Les insulaires de Tiwi gagnent contre une compagnie pétrolière

Au large des îles Tiwi en Australie se trouvent des champs de pétrole et de gaz que le groupe Santos veut exploiter. Les habitants, qui estiment que leur nature est menacée, ont porté plainte contre cette décision. Avec succès : le groupe doit arrêter les forages – pour l’instant.

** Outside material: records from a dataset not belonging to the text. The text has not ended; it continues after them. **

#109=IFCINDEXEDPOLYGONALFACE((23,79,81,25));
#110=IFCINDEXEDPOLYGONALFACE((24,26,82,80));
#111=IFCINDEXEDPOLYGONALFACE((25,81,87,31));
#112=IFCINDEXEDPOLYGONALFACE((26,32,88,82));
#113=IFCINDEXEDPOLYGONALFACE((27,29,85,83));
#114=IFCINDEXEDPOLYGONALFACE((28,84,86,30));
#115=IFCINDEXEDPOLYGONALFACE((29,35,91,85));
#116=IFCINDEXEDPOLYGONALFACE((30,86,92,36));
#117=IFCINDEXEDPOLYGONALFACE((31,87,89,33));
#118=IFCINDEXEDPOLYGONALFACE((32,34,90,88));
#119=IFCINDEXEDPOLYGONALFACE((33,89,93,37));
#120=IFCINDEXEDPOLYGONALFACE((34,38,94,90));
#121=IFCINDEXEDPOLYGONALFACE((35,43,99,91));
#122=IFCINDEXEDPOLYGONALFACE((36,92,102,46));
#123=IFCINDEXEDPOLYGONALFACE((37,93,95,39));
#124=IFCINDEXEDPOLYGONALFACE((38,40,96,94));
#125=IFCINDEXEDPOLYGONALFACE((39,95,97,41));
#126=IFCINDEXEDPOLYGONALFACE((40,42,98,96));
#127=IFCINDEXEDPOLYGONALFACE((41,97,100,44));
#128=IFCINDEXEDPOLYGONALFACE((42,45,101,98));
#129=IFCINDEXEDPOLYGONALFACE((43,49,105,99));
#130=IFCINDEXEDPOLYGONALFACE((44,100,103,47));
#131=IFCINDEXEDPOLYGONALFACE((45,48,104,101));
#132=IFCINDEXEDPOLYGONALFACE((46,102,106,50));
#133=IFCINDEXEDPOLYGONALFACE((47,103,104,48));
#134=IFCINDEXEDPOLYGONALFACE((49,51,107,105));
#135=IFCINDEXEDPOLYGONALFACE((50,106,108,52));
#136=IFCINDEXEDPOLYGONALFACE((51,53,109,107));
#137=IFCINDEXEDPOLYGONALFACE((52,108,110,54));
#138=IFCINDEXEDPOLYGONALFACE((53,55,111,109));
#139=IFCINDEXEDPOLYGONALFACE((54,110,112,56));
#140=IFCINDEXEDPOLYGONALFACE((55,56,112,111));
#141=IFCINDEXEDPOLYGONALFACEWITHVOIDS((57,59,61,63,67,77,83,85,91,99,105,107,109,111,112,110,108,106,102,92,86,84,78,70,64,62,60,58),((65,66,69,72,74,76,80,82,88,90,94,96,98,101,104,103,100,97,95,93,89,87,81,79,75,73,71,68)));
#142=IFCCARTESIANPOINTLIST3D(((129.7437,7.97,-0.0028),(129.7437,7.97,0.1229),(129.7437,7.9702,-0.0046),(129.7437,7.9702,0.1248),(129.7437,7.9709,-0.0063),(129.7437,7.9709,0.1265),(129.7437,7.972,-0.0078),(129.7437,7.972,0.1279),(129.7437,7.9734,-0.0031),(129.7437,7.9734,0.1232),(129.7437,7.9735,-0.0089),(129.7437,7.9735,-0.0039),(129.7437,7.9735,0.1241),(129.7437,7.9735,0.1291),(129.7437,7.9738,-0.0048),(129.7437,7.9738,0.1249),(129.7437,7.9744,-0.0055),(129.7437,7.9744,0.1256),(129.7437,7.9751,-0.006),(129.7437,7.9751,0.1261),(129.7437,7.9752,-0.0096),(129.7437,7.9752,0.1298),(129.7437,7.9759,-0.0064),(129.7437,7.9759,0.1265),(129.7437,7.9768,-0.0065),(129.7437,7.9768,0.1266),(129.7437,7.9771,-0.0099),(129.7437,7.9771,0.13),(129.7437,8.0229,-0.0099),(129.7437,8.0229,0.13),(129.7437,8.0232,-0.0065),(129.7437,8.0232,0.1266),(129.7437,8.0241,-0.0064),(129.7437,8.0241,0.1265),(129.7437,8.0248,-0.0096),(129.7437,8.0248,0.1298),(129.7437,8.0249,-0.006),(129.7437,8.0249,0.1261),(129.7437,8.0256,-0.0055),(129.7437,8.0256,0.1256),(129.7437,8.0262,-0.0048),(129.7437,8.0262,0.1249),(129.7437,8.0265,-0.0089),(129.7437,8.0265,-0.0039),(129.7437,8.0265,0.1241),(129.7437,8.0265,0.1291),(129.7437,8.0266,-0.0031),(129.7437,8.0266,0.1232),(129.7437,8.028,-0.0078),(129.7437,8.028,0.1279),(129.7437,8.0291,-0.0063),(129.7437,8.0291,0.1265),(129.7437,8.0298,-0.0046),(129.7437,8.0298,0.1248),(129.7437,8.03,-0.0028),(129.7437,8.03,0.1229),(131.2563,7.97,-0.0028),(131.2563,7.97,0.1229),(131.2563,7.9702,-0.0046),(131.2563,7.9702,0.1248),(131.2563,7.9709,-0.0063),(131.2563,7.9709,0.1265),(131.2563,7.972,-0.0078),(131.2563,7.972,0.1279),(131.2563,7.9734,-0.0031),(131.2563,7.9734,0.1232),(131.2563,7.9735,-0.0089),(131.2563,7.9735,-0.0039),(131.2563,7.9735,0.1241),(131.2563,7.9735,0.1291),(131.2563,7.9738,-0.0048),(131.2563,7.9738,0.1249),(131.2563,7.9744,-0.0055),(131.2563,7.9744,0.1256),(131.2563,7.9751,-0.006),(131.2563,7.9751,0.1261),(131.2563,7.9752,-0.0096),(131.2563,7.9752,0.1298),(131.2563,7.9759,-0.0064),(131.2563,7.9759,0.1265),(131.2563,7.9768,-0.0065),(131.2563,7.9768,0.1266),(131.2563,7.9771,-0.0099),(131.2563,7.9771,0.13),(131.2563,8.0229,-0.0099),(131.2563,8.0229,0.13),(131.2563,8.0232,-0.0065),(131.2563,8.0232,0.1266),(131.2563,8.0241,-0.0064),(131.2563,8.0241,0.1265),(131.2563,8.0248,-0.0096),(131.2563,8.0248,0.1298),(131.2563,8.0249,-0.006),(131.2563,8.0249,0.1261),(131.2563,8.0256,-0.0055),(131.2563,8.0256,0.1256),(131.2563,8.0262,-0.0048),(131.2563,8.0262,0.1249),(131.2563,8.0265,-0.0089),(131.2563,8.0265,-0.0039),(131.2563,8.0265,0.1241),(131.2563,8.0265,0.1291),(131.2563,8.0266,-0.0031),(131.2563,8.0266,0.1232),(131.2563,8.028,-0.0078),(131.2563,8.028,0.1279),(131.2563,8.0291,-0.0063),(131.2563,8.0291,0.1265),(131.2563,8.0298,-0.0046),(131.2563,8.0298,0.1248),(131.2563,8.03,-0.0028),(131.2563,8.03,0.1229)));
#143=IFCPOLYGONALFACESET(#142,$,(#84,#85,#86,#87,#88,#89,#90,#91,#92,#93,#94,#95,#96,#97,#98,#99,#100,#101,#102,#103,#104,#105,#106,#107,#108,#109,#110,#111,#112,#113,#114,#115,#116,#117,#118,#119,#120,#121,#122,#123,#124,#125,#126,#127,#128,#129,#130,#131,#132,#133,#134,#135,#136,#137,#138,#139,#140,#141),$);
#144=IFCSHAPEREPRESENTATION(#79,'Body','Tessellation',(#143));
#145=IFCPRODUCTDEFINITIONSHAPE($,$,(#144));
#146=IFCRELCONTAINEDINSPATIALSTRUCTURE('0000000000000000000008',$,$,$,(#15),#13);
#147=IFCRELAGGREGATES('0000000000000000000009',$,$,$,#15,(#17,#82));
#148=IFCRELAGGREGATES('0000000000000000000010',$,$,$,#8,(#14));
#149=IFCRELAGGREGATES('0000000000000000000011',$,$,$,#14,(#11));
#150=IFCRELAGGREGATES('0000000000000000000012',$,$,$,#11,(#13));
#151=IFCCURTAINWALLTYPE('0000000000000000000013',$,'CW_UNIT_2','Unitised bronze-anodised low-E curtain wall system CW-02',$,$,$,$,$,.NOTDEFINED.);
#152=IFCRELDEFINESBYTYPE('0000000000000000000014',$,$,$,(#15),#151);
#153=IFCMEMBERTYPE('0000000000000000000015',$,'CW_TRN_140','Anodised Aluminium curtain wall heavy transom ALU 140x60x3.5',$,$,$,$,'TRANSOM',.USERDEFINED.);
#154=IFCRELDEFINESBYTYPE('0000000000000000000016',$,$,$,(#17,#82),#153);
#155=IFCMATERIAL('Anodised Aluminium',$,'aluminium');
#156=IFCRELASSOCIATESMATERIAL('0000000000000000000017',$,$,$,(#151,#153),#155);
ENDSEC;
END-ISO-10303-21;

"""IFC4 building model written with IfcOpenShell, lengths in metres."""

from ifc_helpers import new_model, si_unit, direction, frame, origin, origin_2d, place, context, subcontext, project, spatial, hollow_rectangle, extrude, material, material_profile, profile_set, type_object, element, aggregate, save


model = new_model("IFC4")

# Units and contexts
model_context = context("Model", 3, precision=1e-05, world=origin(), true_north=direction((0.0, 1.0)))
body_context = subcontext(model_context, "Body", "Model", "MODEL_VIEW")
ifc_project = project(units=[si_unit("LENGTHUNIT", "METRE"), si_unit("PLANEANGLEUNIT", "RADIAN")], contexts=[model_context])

Dennis Tipakalippa danse sur la plage. Lui et les habitants indigènes des îles Tiwi ont gagné – du moins pour le moment. La Cour fédérale australienne a récemment annulé le permis de forage de la compagnie pétrolière et gazière Santos. « Je suis l’homme le plus heureux du monde », déclare Tipakalippa.

Jennifer Johnston

Sur les îles Tiwi vivent des centaines d’espèces animales et végétales qui n’existent nulle part ailleurs dans le monde – et une plateforme de forage, de nombreux bateaux et donc une éventuelle marée noire mettraient tout cela en danger, explique Therese Burke, une autochtone, au centre environnemental local. L’eau qui entoure les îles est très importante pour les habitants : « D’abord parce qu’elle nous donne à manger. Et deuxièmement, parce qu’elle nous relie à nos ancêtres ». Des tortues rares viennent pondre leurs œufs sur les îles. Dans l’eau au large des îles nagent des baleines, des crocodiles et de rares lamantins. Les autochtones considèrent que cette biodiversité est menacée par les forages.

La population pas assez informée

Dans un premier jugement, la Cour fédérale australienne vient de trancher en faveur des habitants de l’île. Le groupe pétrolier et gazier n’a pas suffisamment informé la population indigène du projet, explique l’avocate Alina Leikin, qui a participé à la négociation de l’affaire. Le jugement a un effet de signal pour le monde entier. « Il augmente les normes auxquelles les entreprises de forage doivent se conformer », explique Leikin, qui ajoute : « Le jugement montre également que les entreprises ne peuvent plus ignorer les autochtones.

Les peuples autochtones sont depuis trop longtemps exclus, partout dans le monde, de discussions très importantes sur les terres et les eaux qui leur appartiennent et qu’ils protègent depuis des milliers d’années.

Pendant la procédure judiciaire, une trentaine de participants au procès se sont rendus sur les îles Tiwi. C’était un moment très important pour les habitants, dit Leikin : ils ont pu montrer au tribunal leurs danses, leurs chants et une nature intacte. Des traditions qu’ils veulent protéger et transmettre aux générations futures. « Nous voulons pouvoir continuer à aller pêcher et ne pas avoir à nous nourrir de fast-food dans les décennies à venir », déclare l’aborigène Tipakalippa.

Les forages sont arrêtés

Selon les activistes, le gisement de gaz de la Barossa, situé au large des îles Tiwi, est considéré comme le plus gros émetteur de gaz à effet de serre en Australie. L’extraction du gaz dégagerait énormément de CO2. Un signe fatal à une époque où le monde devrait essayer de ralentir le changement climatique, affirme l’aborigène Pirrawayingi. Il ressent le changement du temps depuis de nombreuses années : « Pendant la saison sèche, il devrait faire plus frais, mais nous remarquons que la température change, il fait plus chaud ».

Le groupe pétrolier et gazier Santos doit maintenant arrêter ses forages et remorquer la plateforme de forage jusqu’au port de Darwin. Pour le groupe, il s’agit de milliards, le projet était déjà à moitié terminé. Les premiers forages d’essai avaient eu lieu cet été.

Dans un communiqué publié après le verdict, Santos écrit : « Barossa est un projet gazier important pour la nation, il crée des emplois, des exportations et renforce nos relations avec les investisseurs et les clients gaziers en Asie, qui dépendent de l’énergie sûre de l’Australie depuis des décennies ».

Santos n’a pas suffisamment informé les habitants de Tiwi de ses projets, a jugé le tribunal. Le groupe a déjà fait appel.

Image : REUTERS

Le procès en appel suit

Le groupe explique également qu’il a présenté un plan pour l’environnement et consulté des comités locaux et qu’il ne comprend donc pas que l’autorisation de l’autorité de surveillance ait été invalidée. Le communiqué de presse ajoute donc : « L’incertitude entourant l’approbation des projets est un problème auquel le gouvernement australien devrait s’attaquer de toute urgence afin de réduire les risques pour le commerce et les investissements dans les projets à travers le pays ».

Santos a fait appel de la décision. Le procès aura lieu à partir du 15 novembre. Les habitants des îles Tiwi espèrent également gagner ce procès – pour leur pays et pour l’environnement.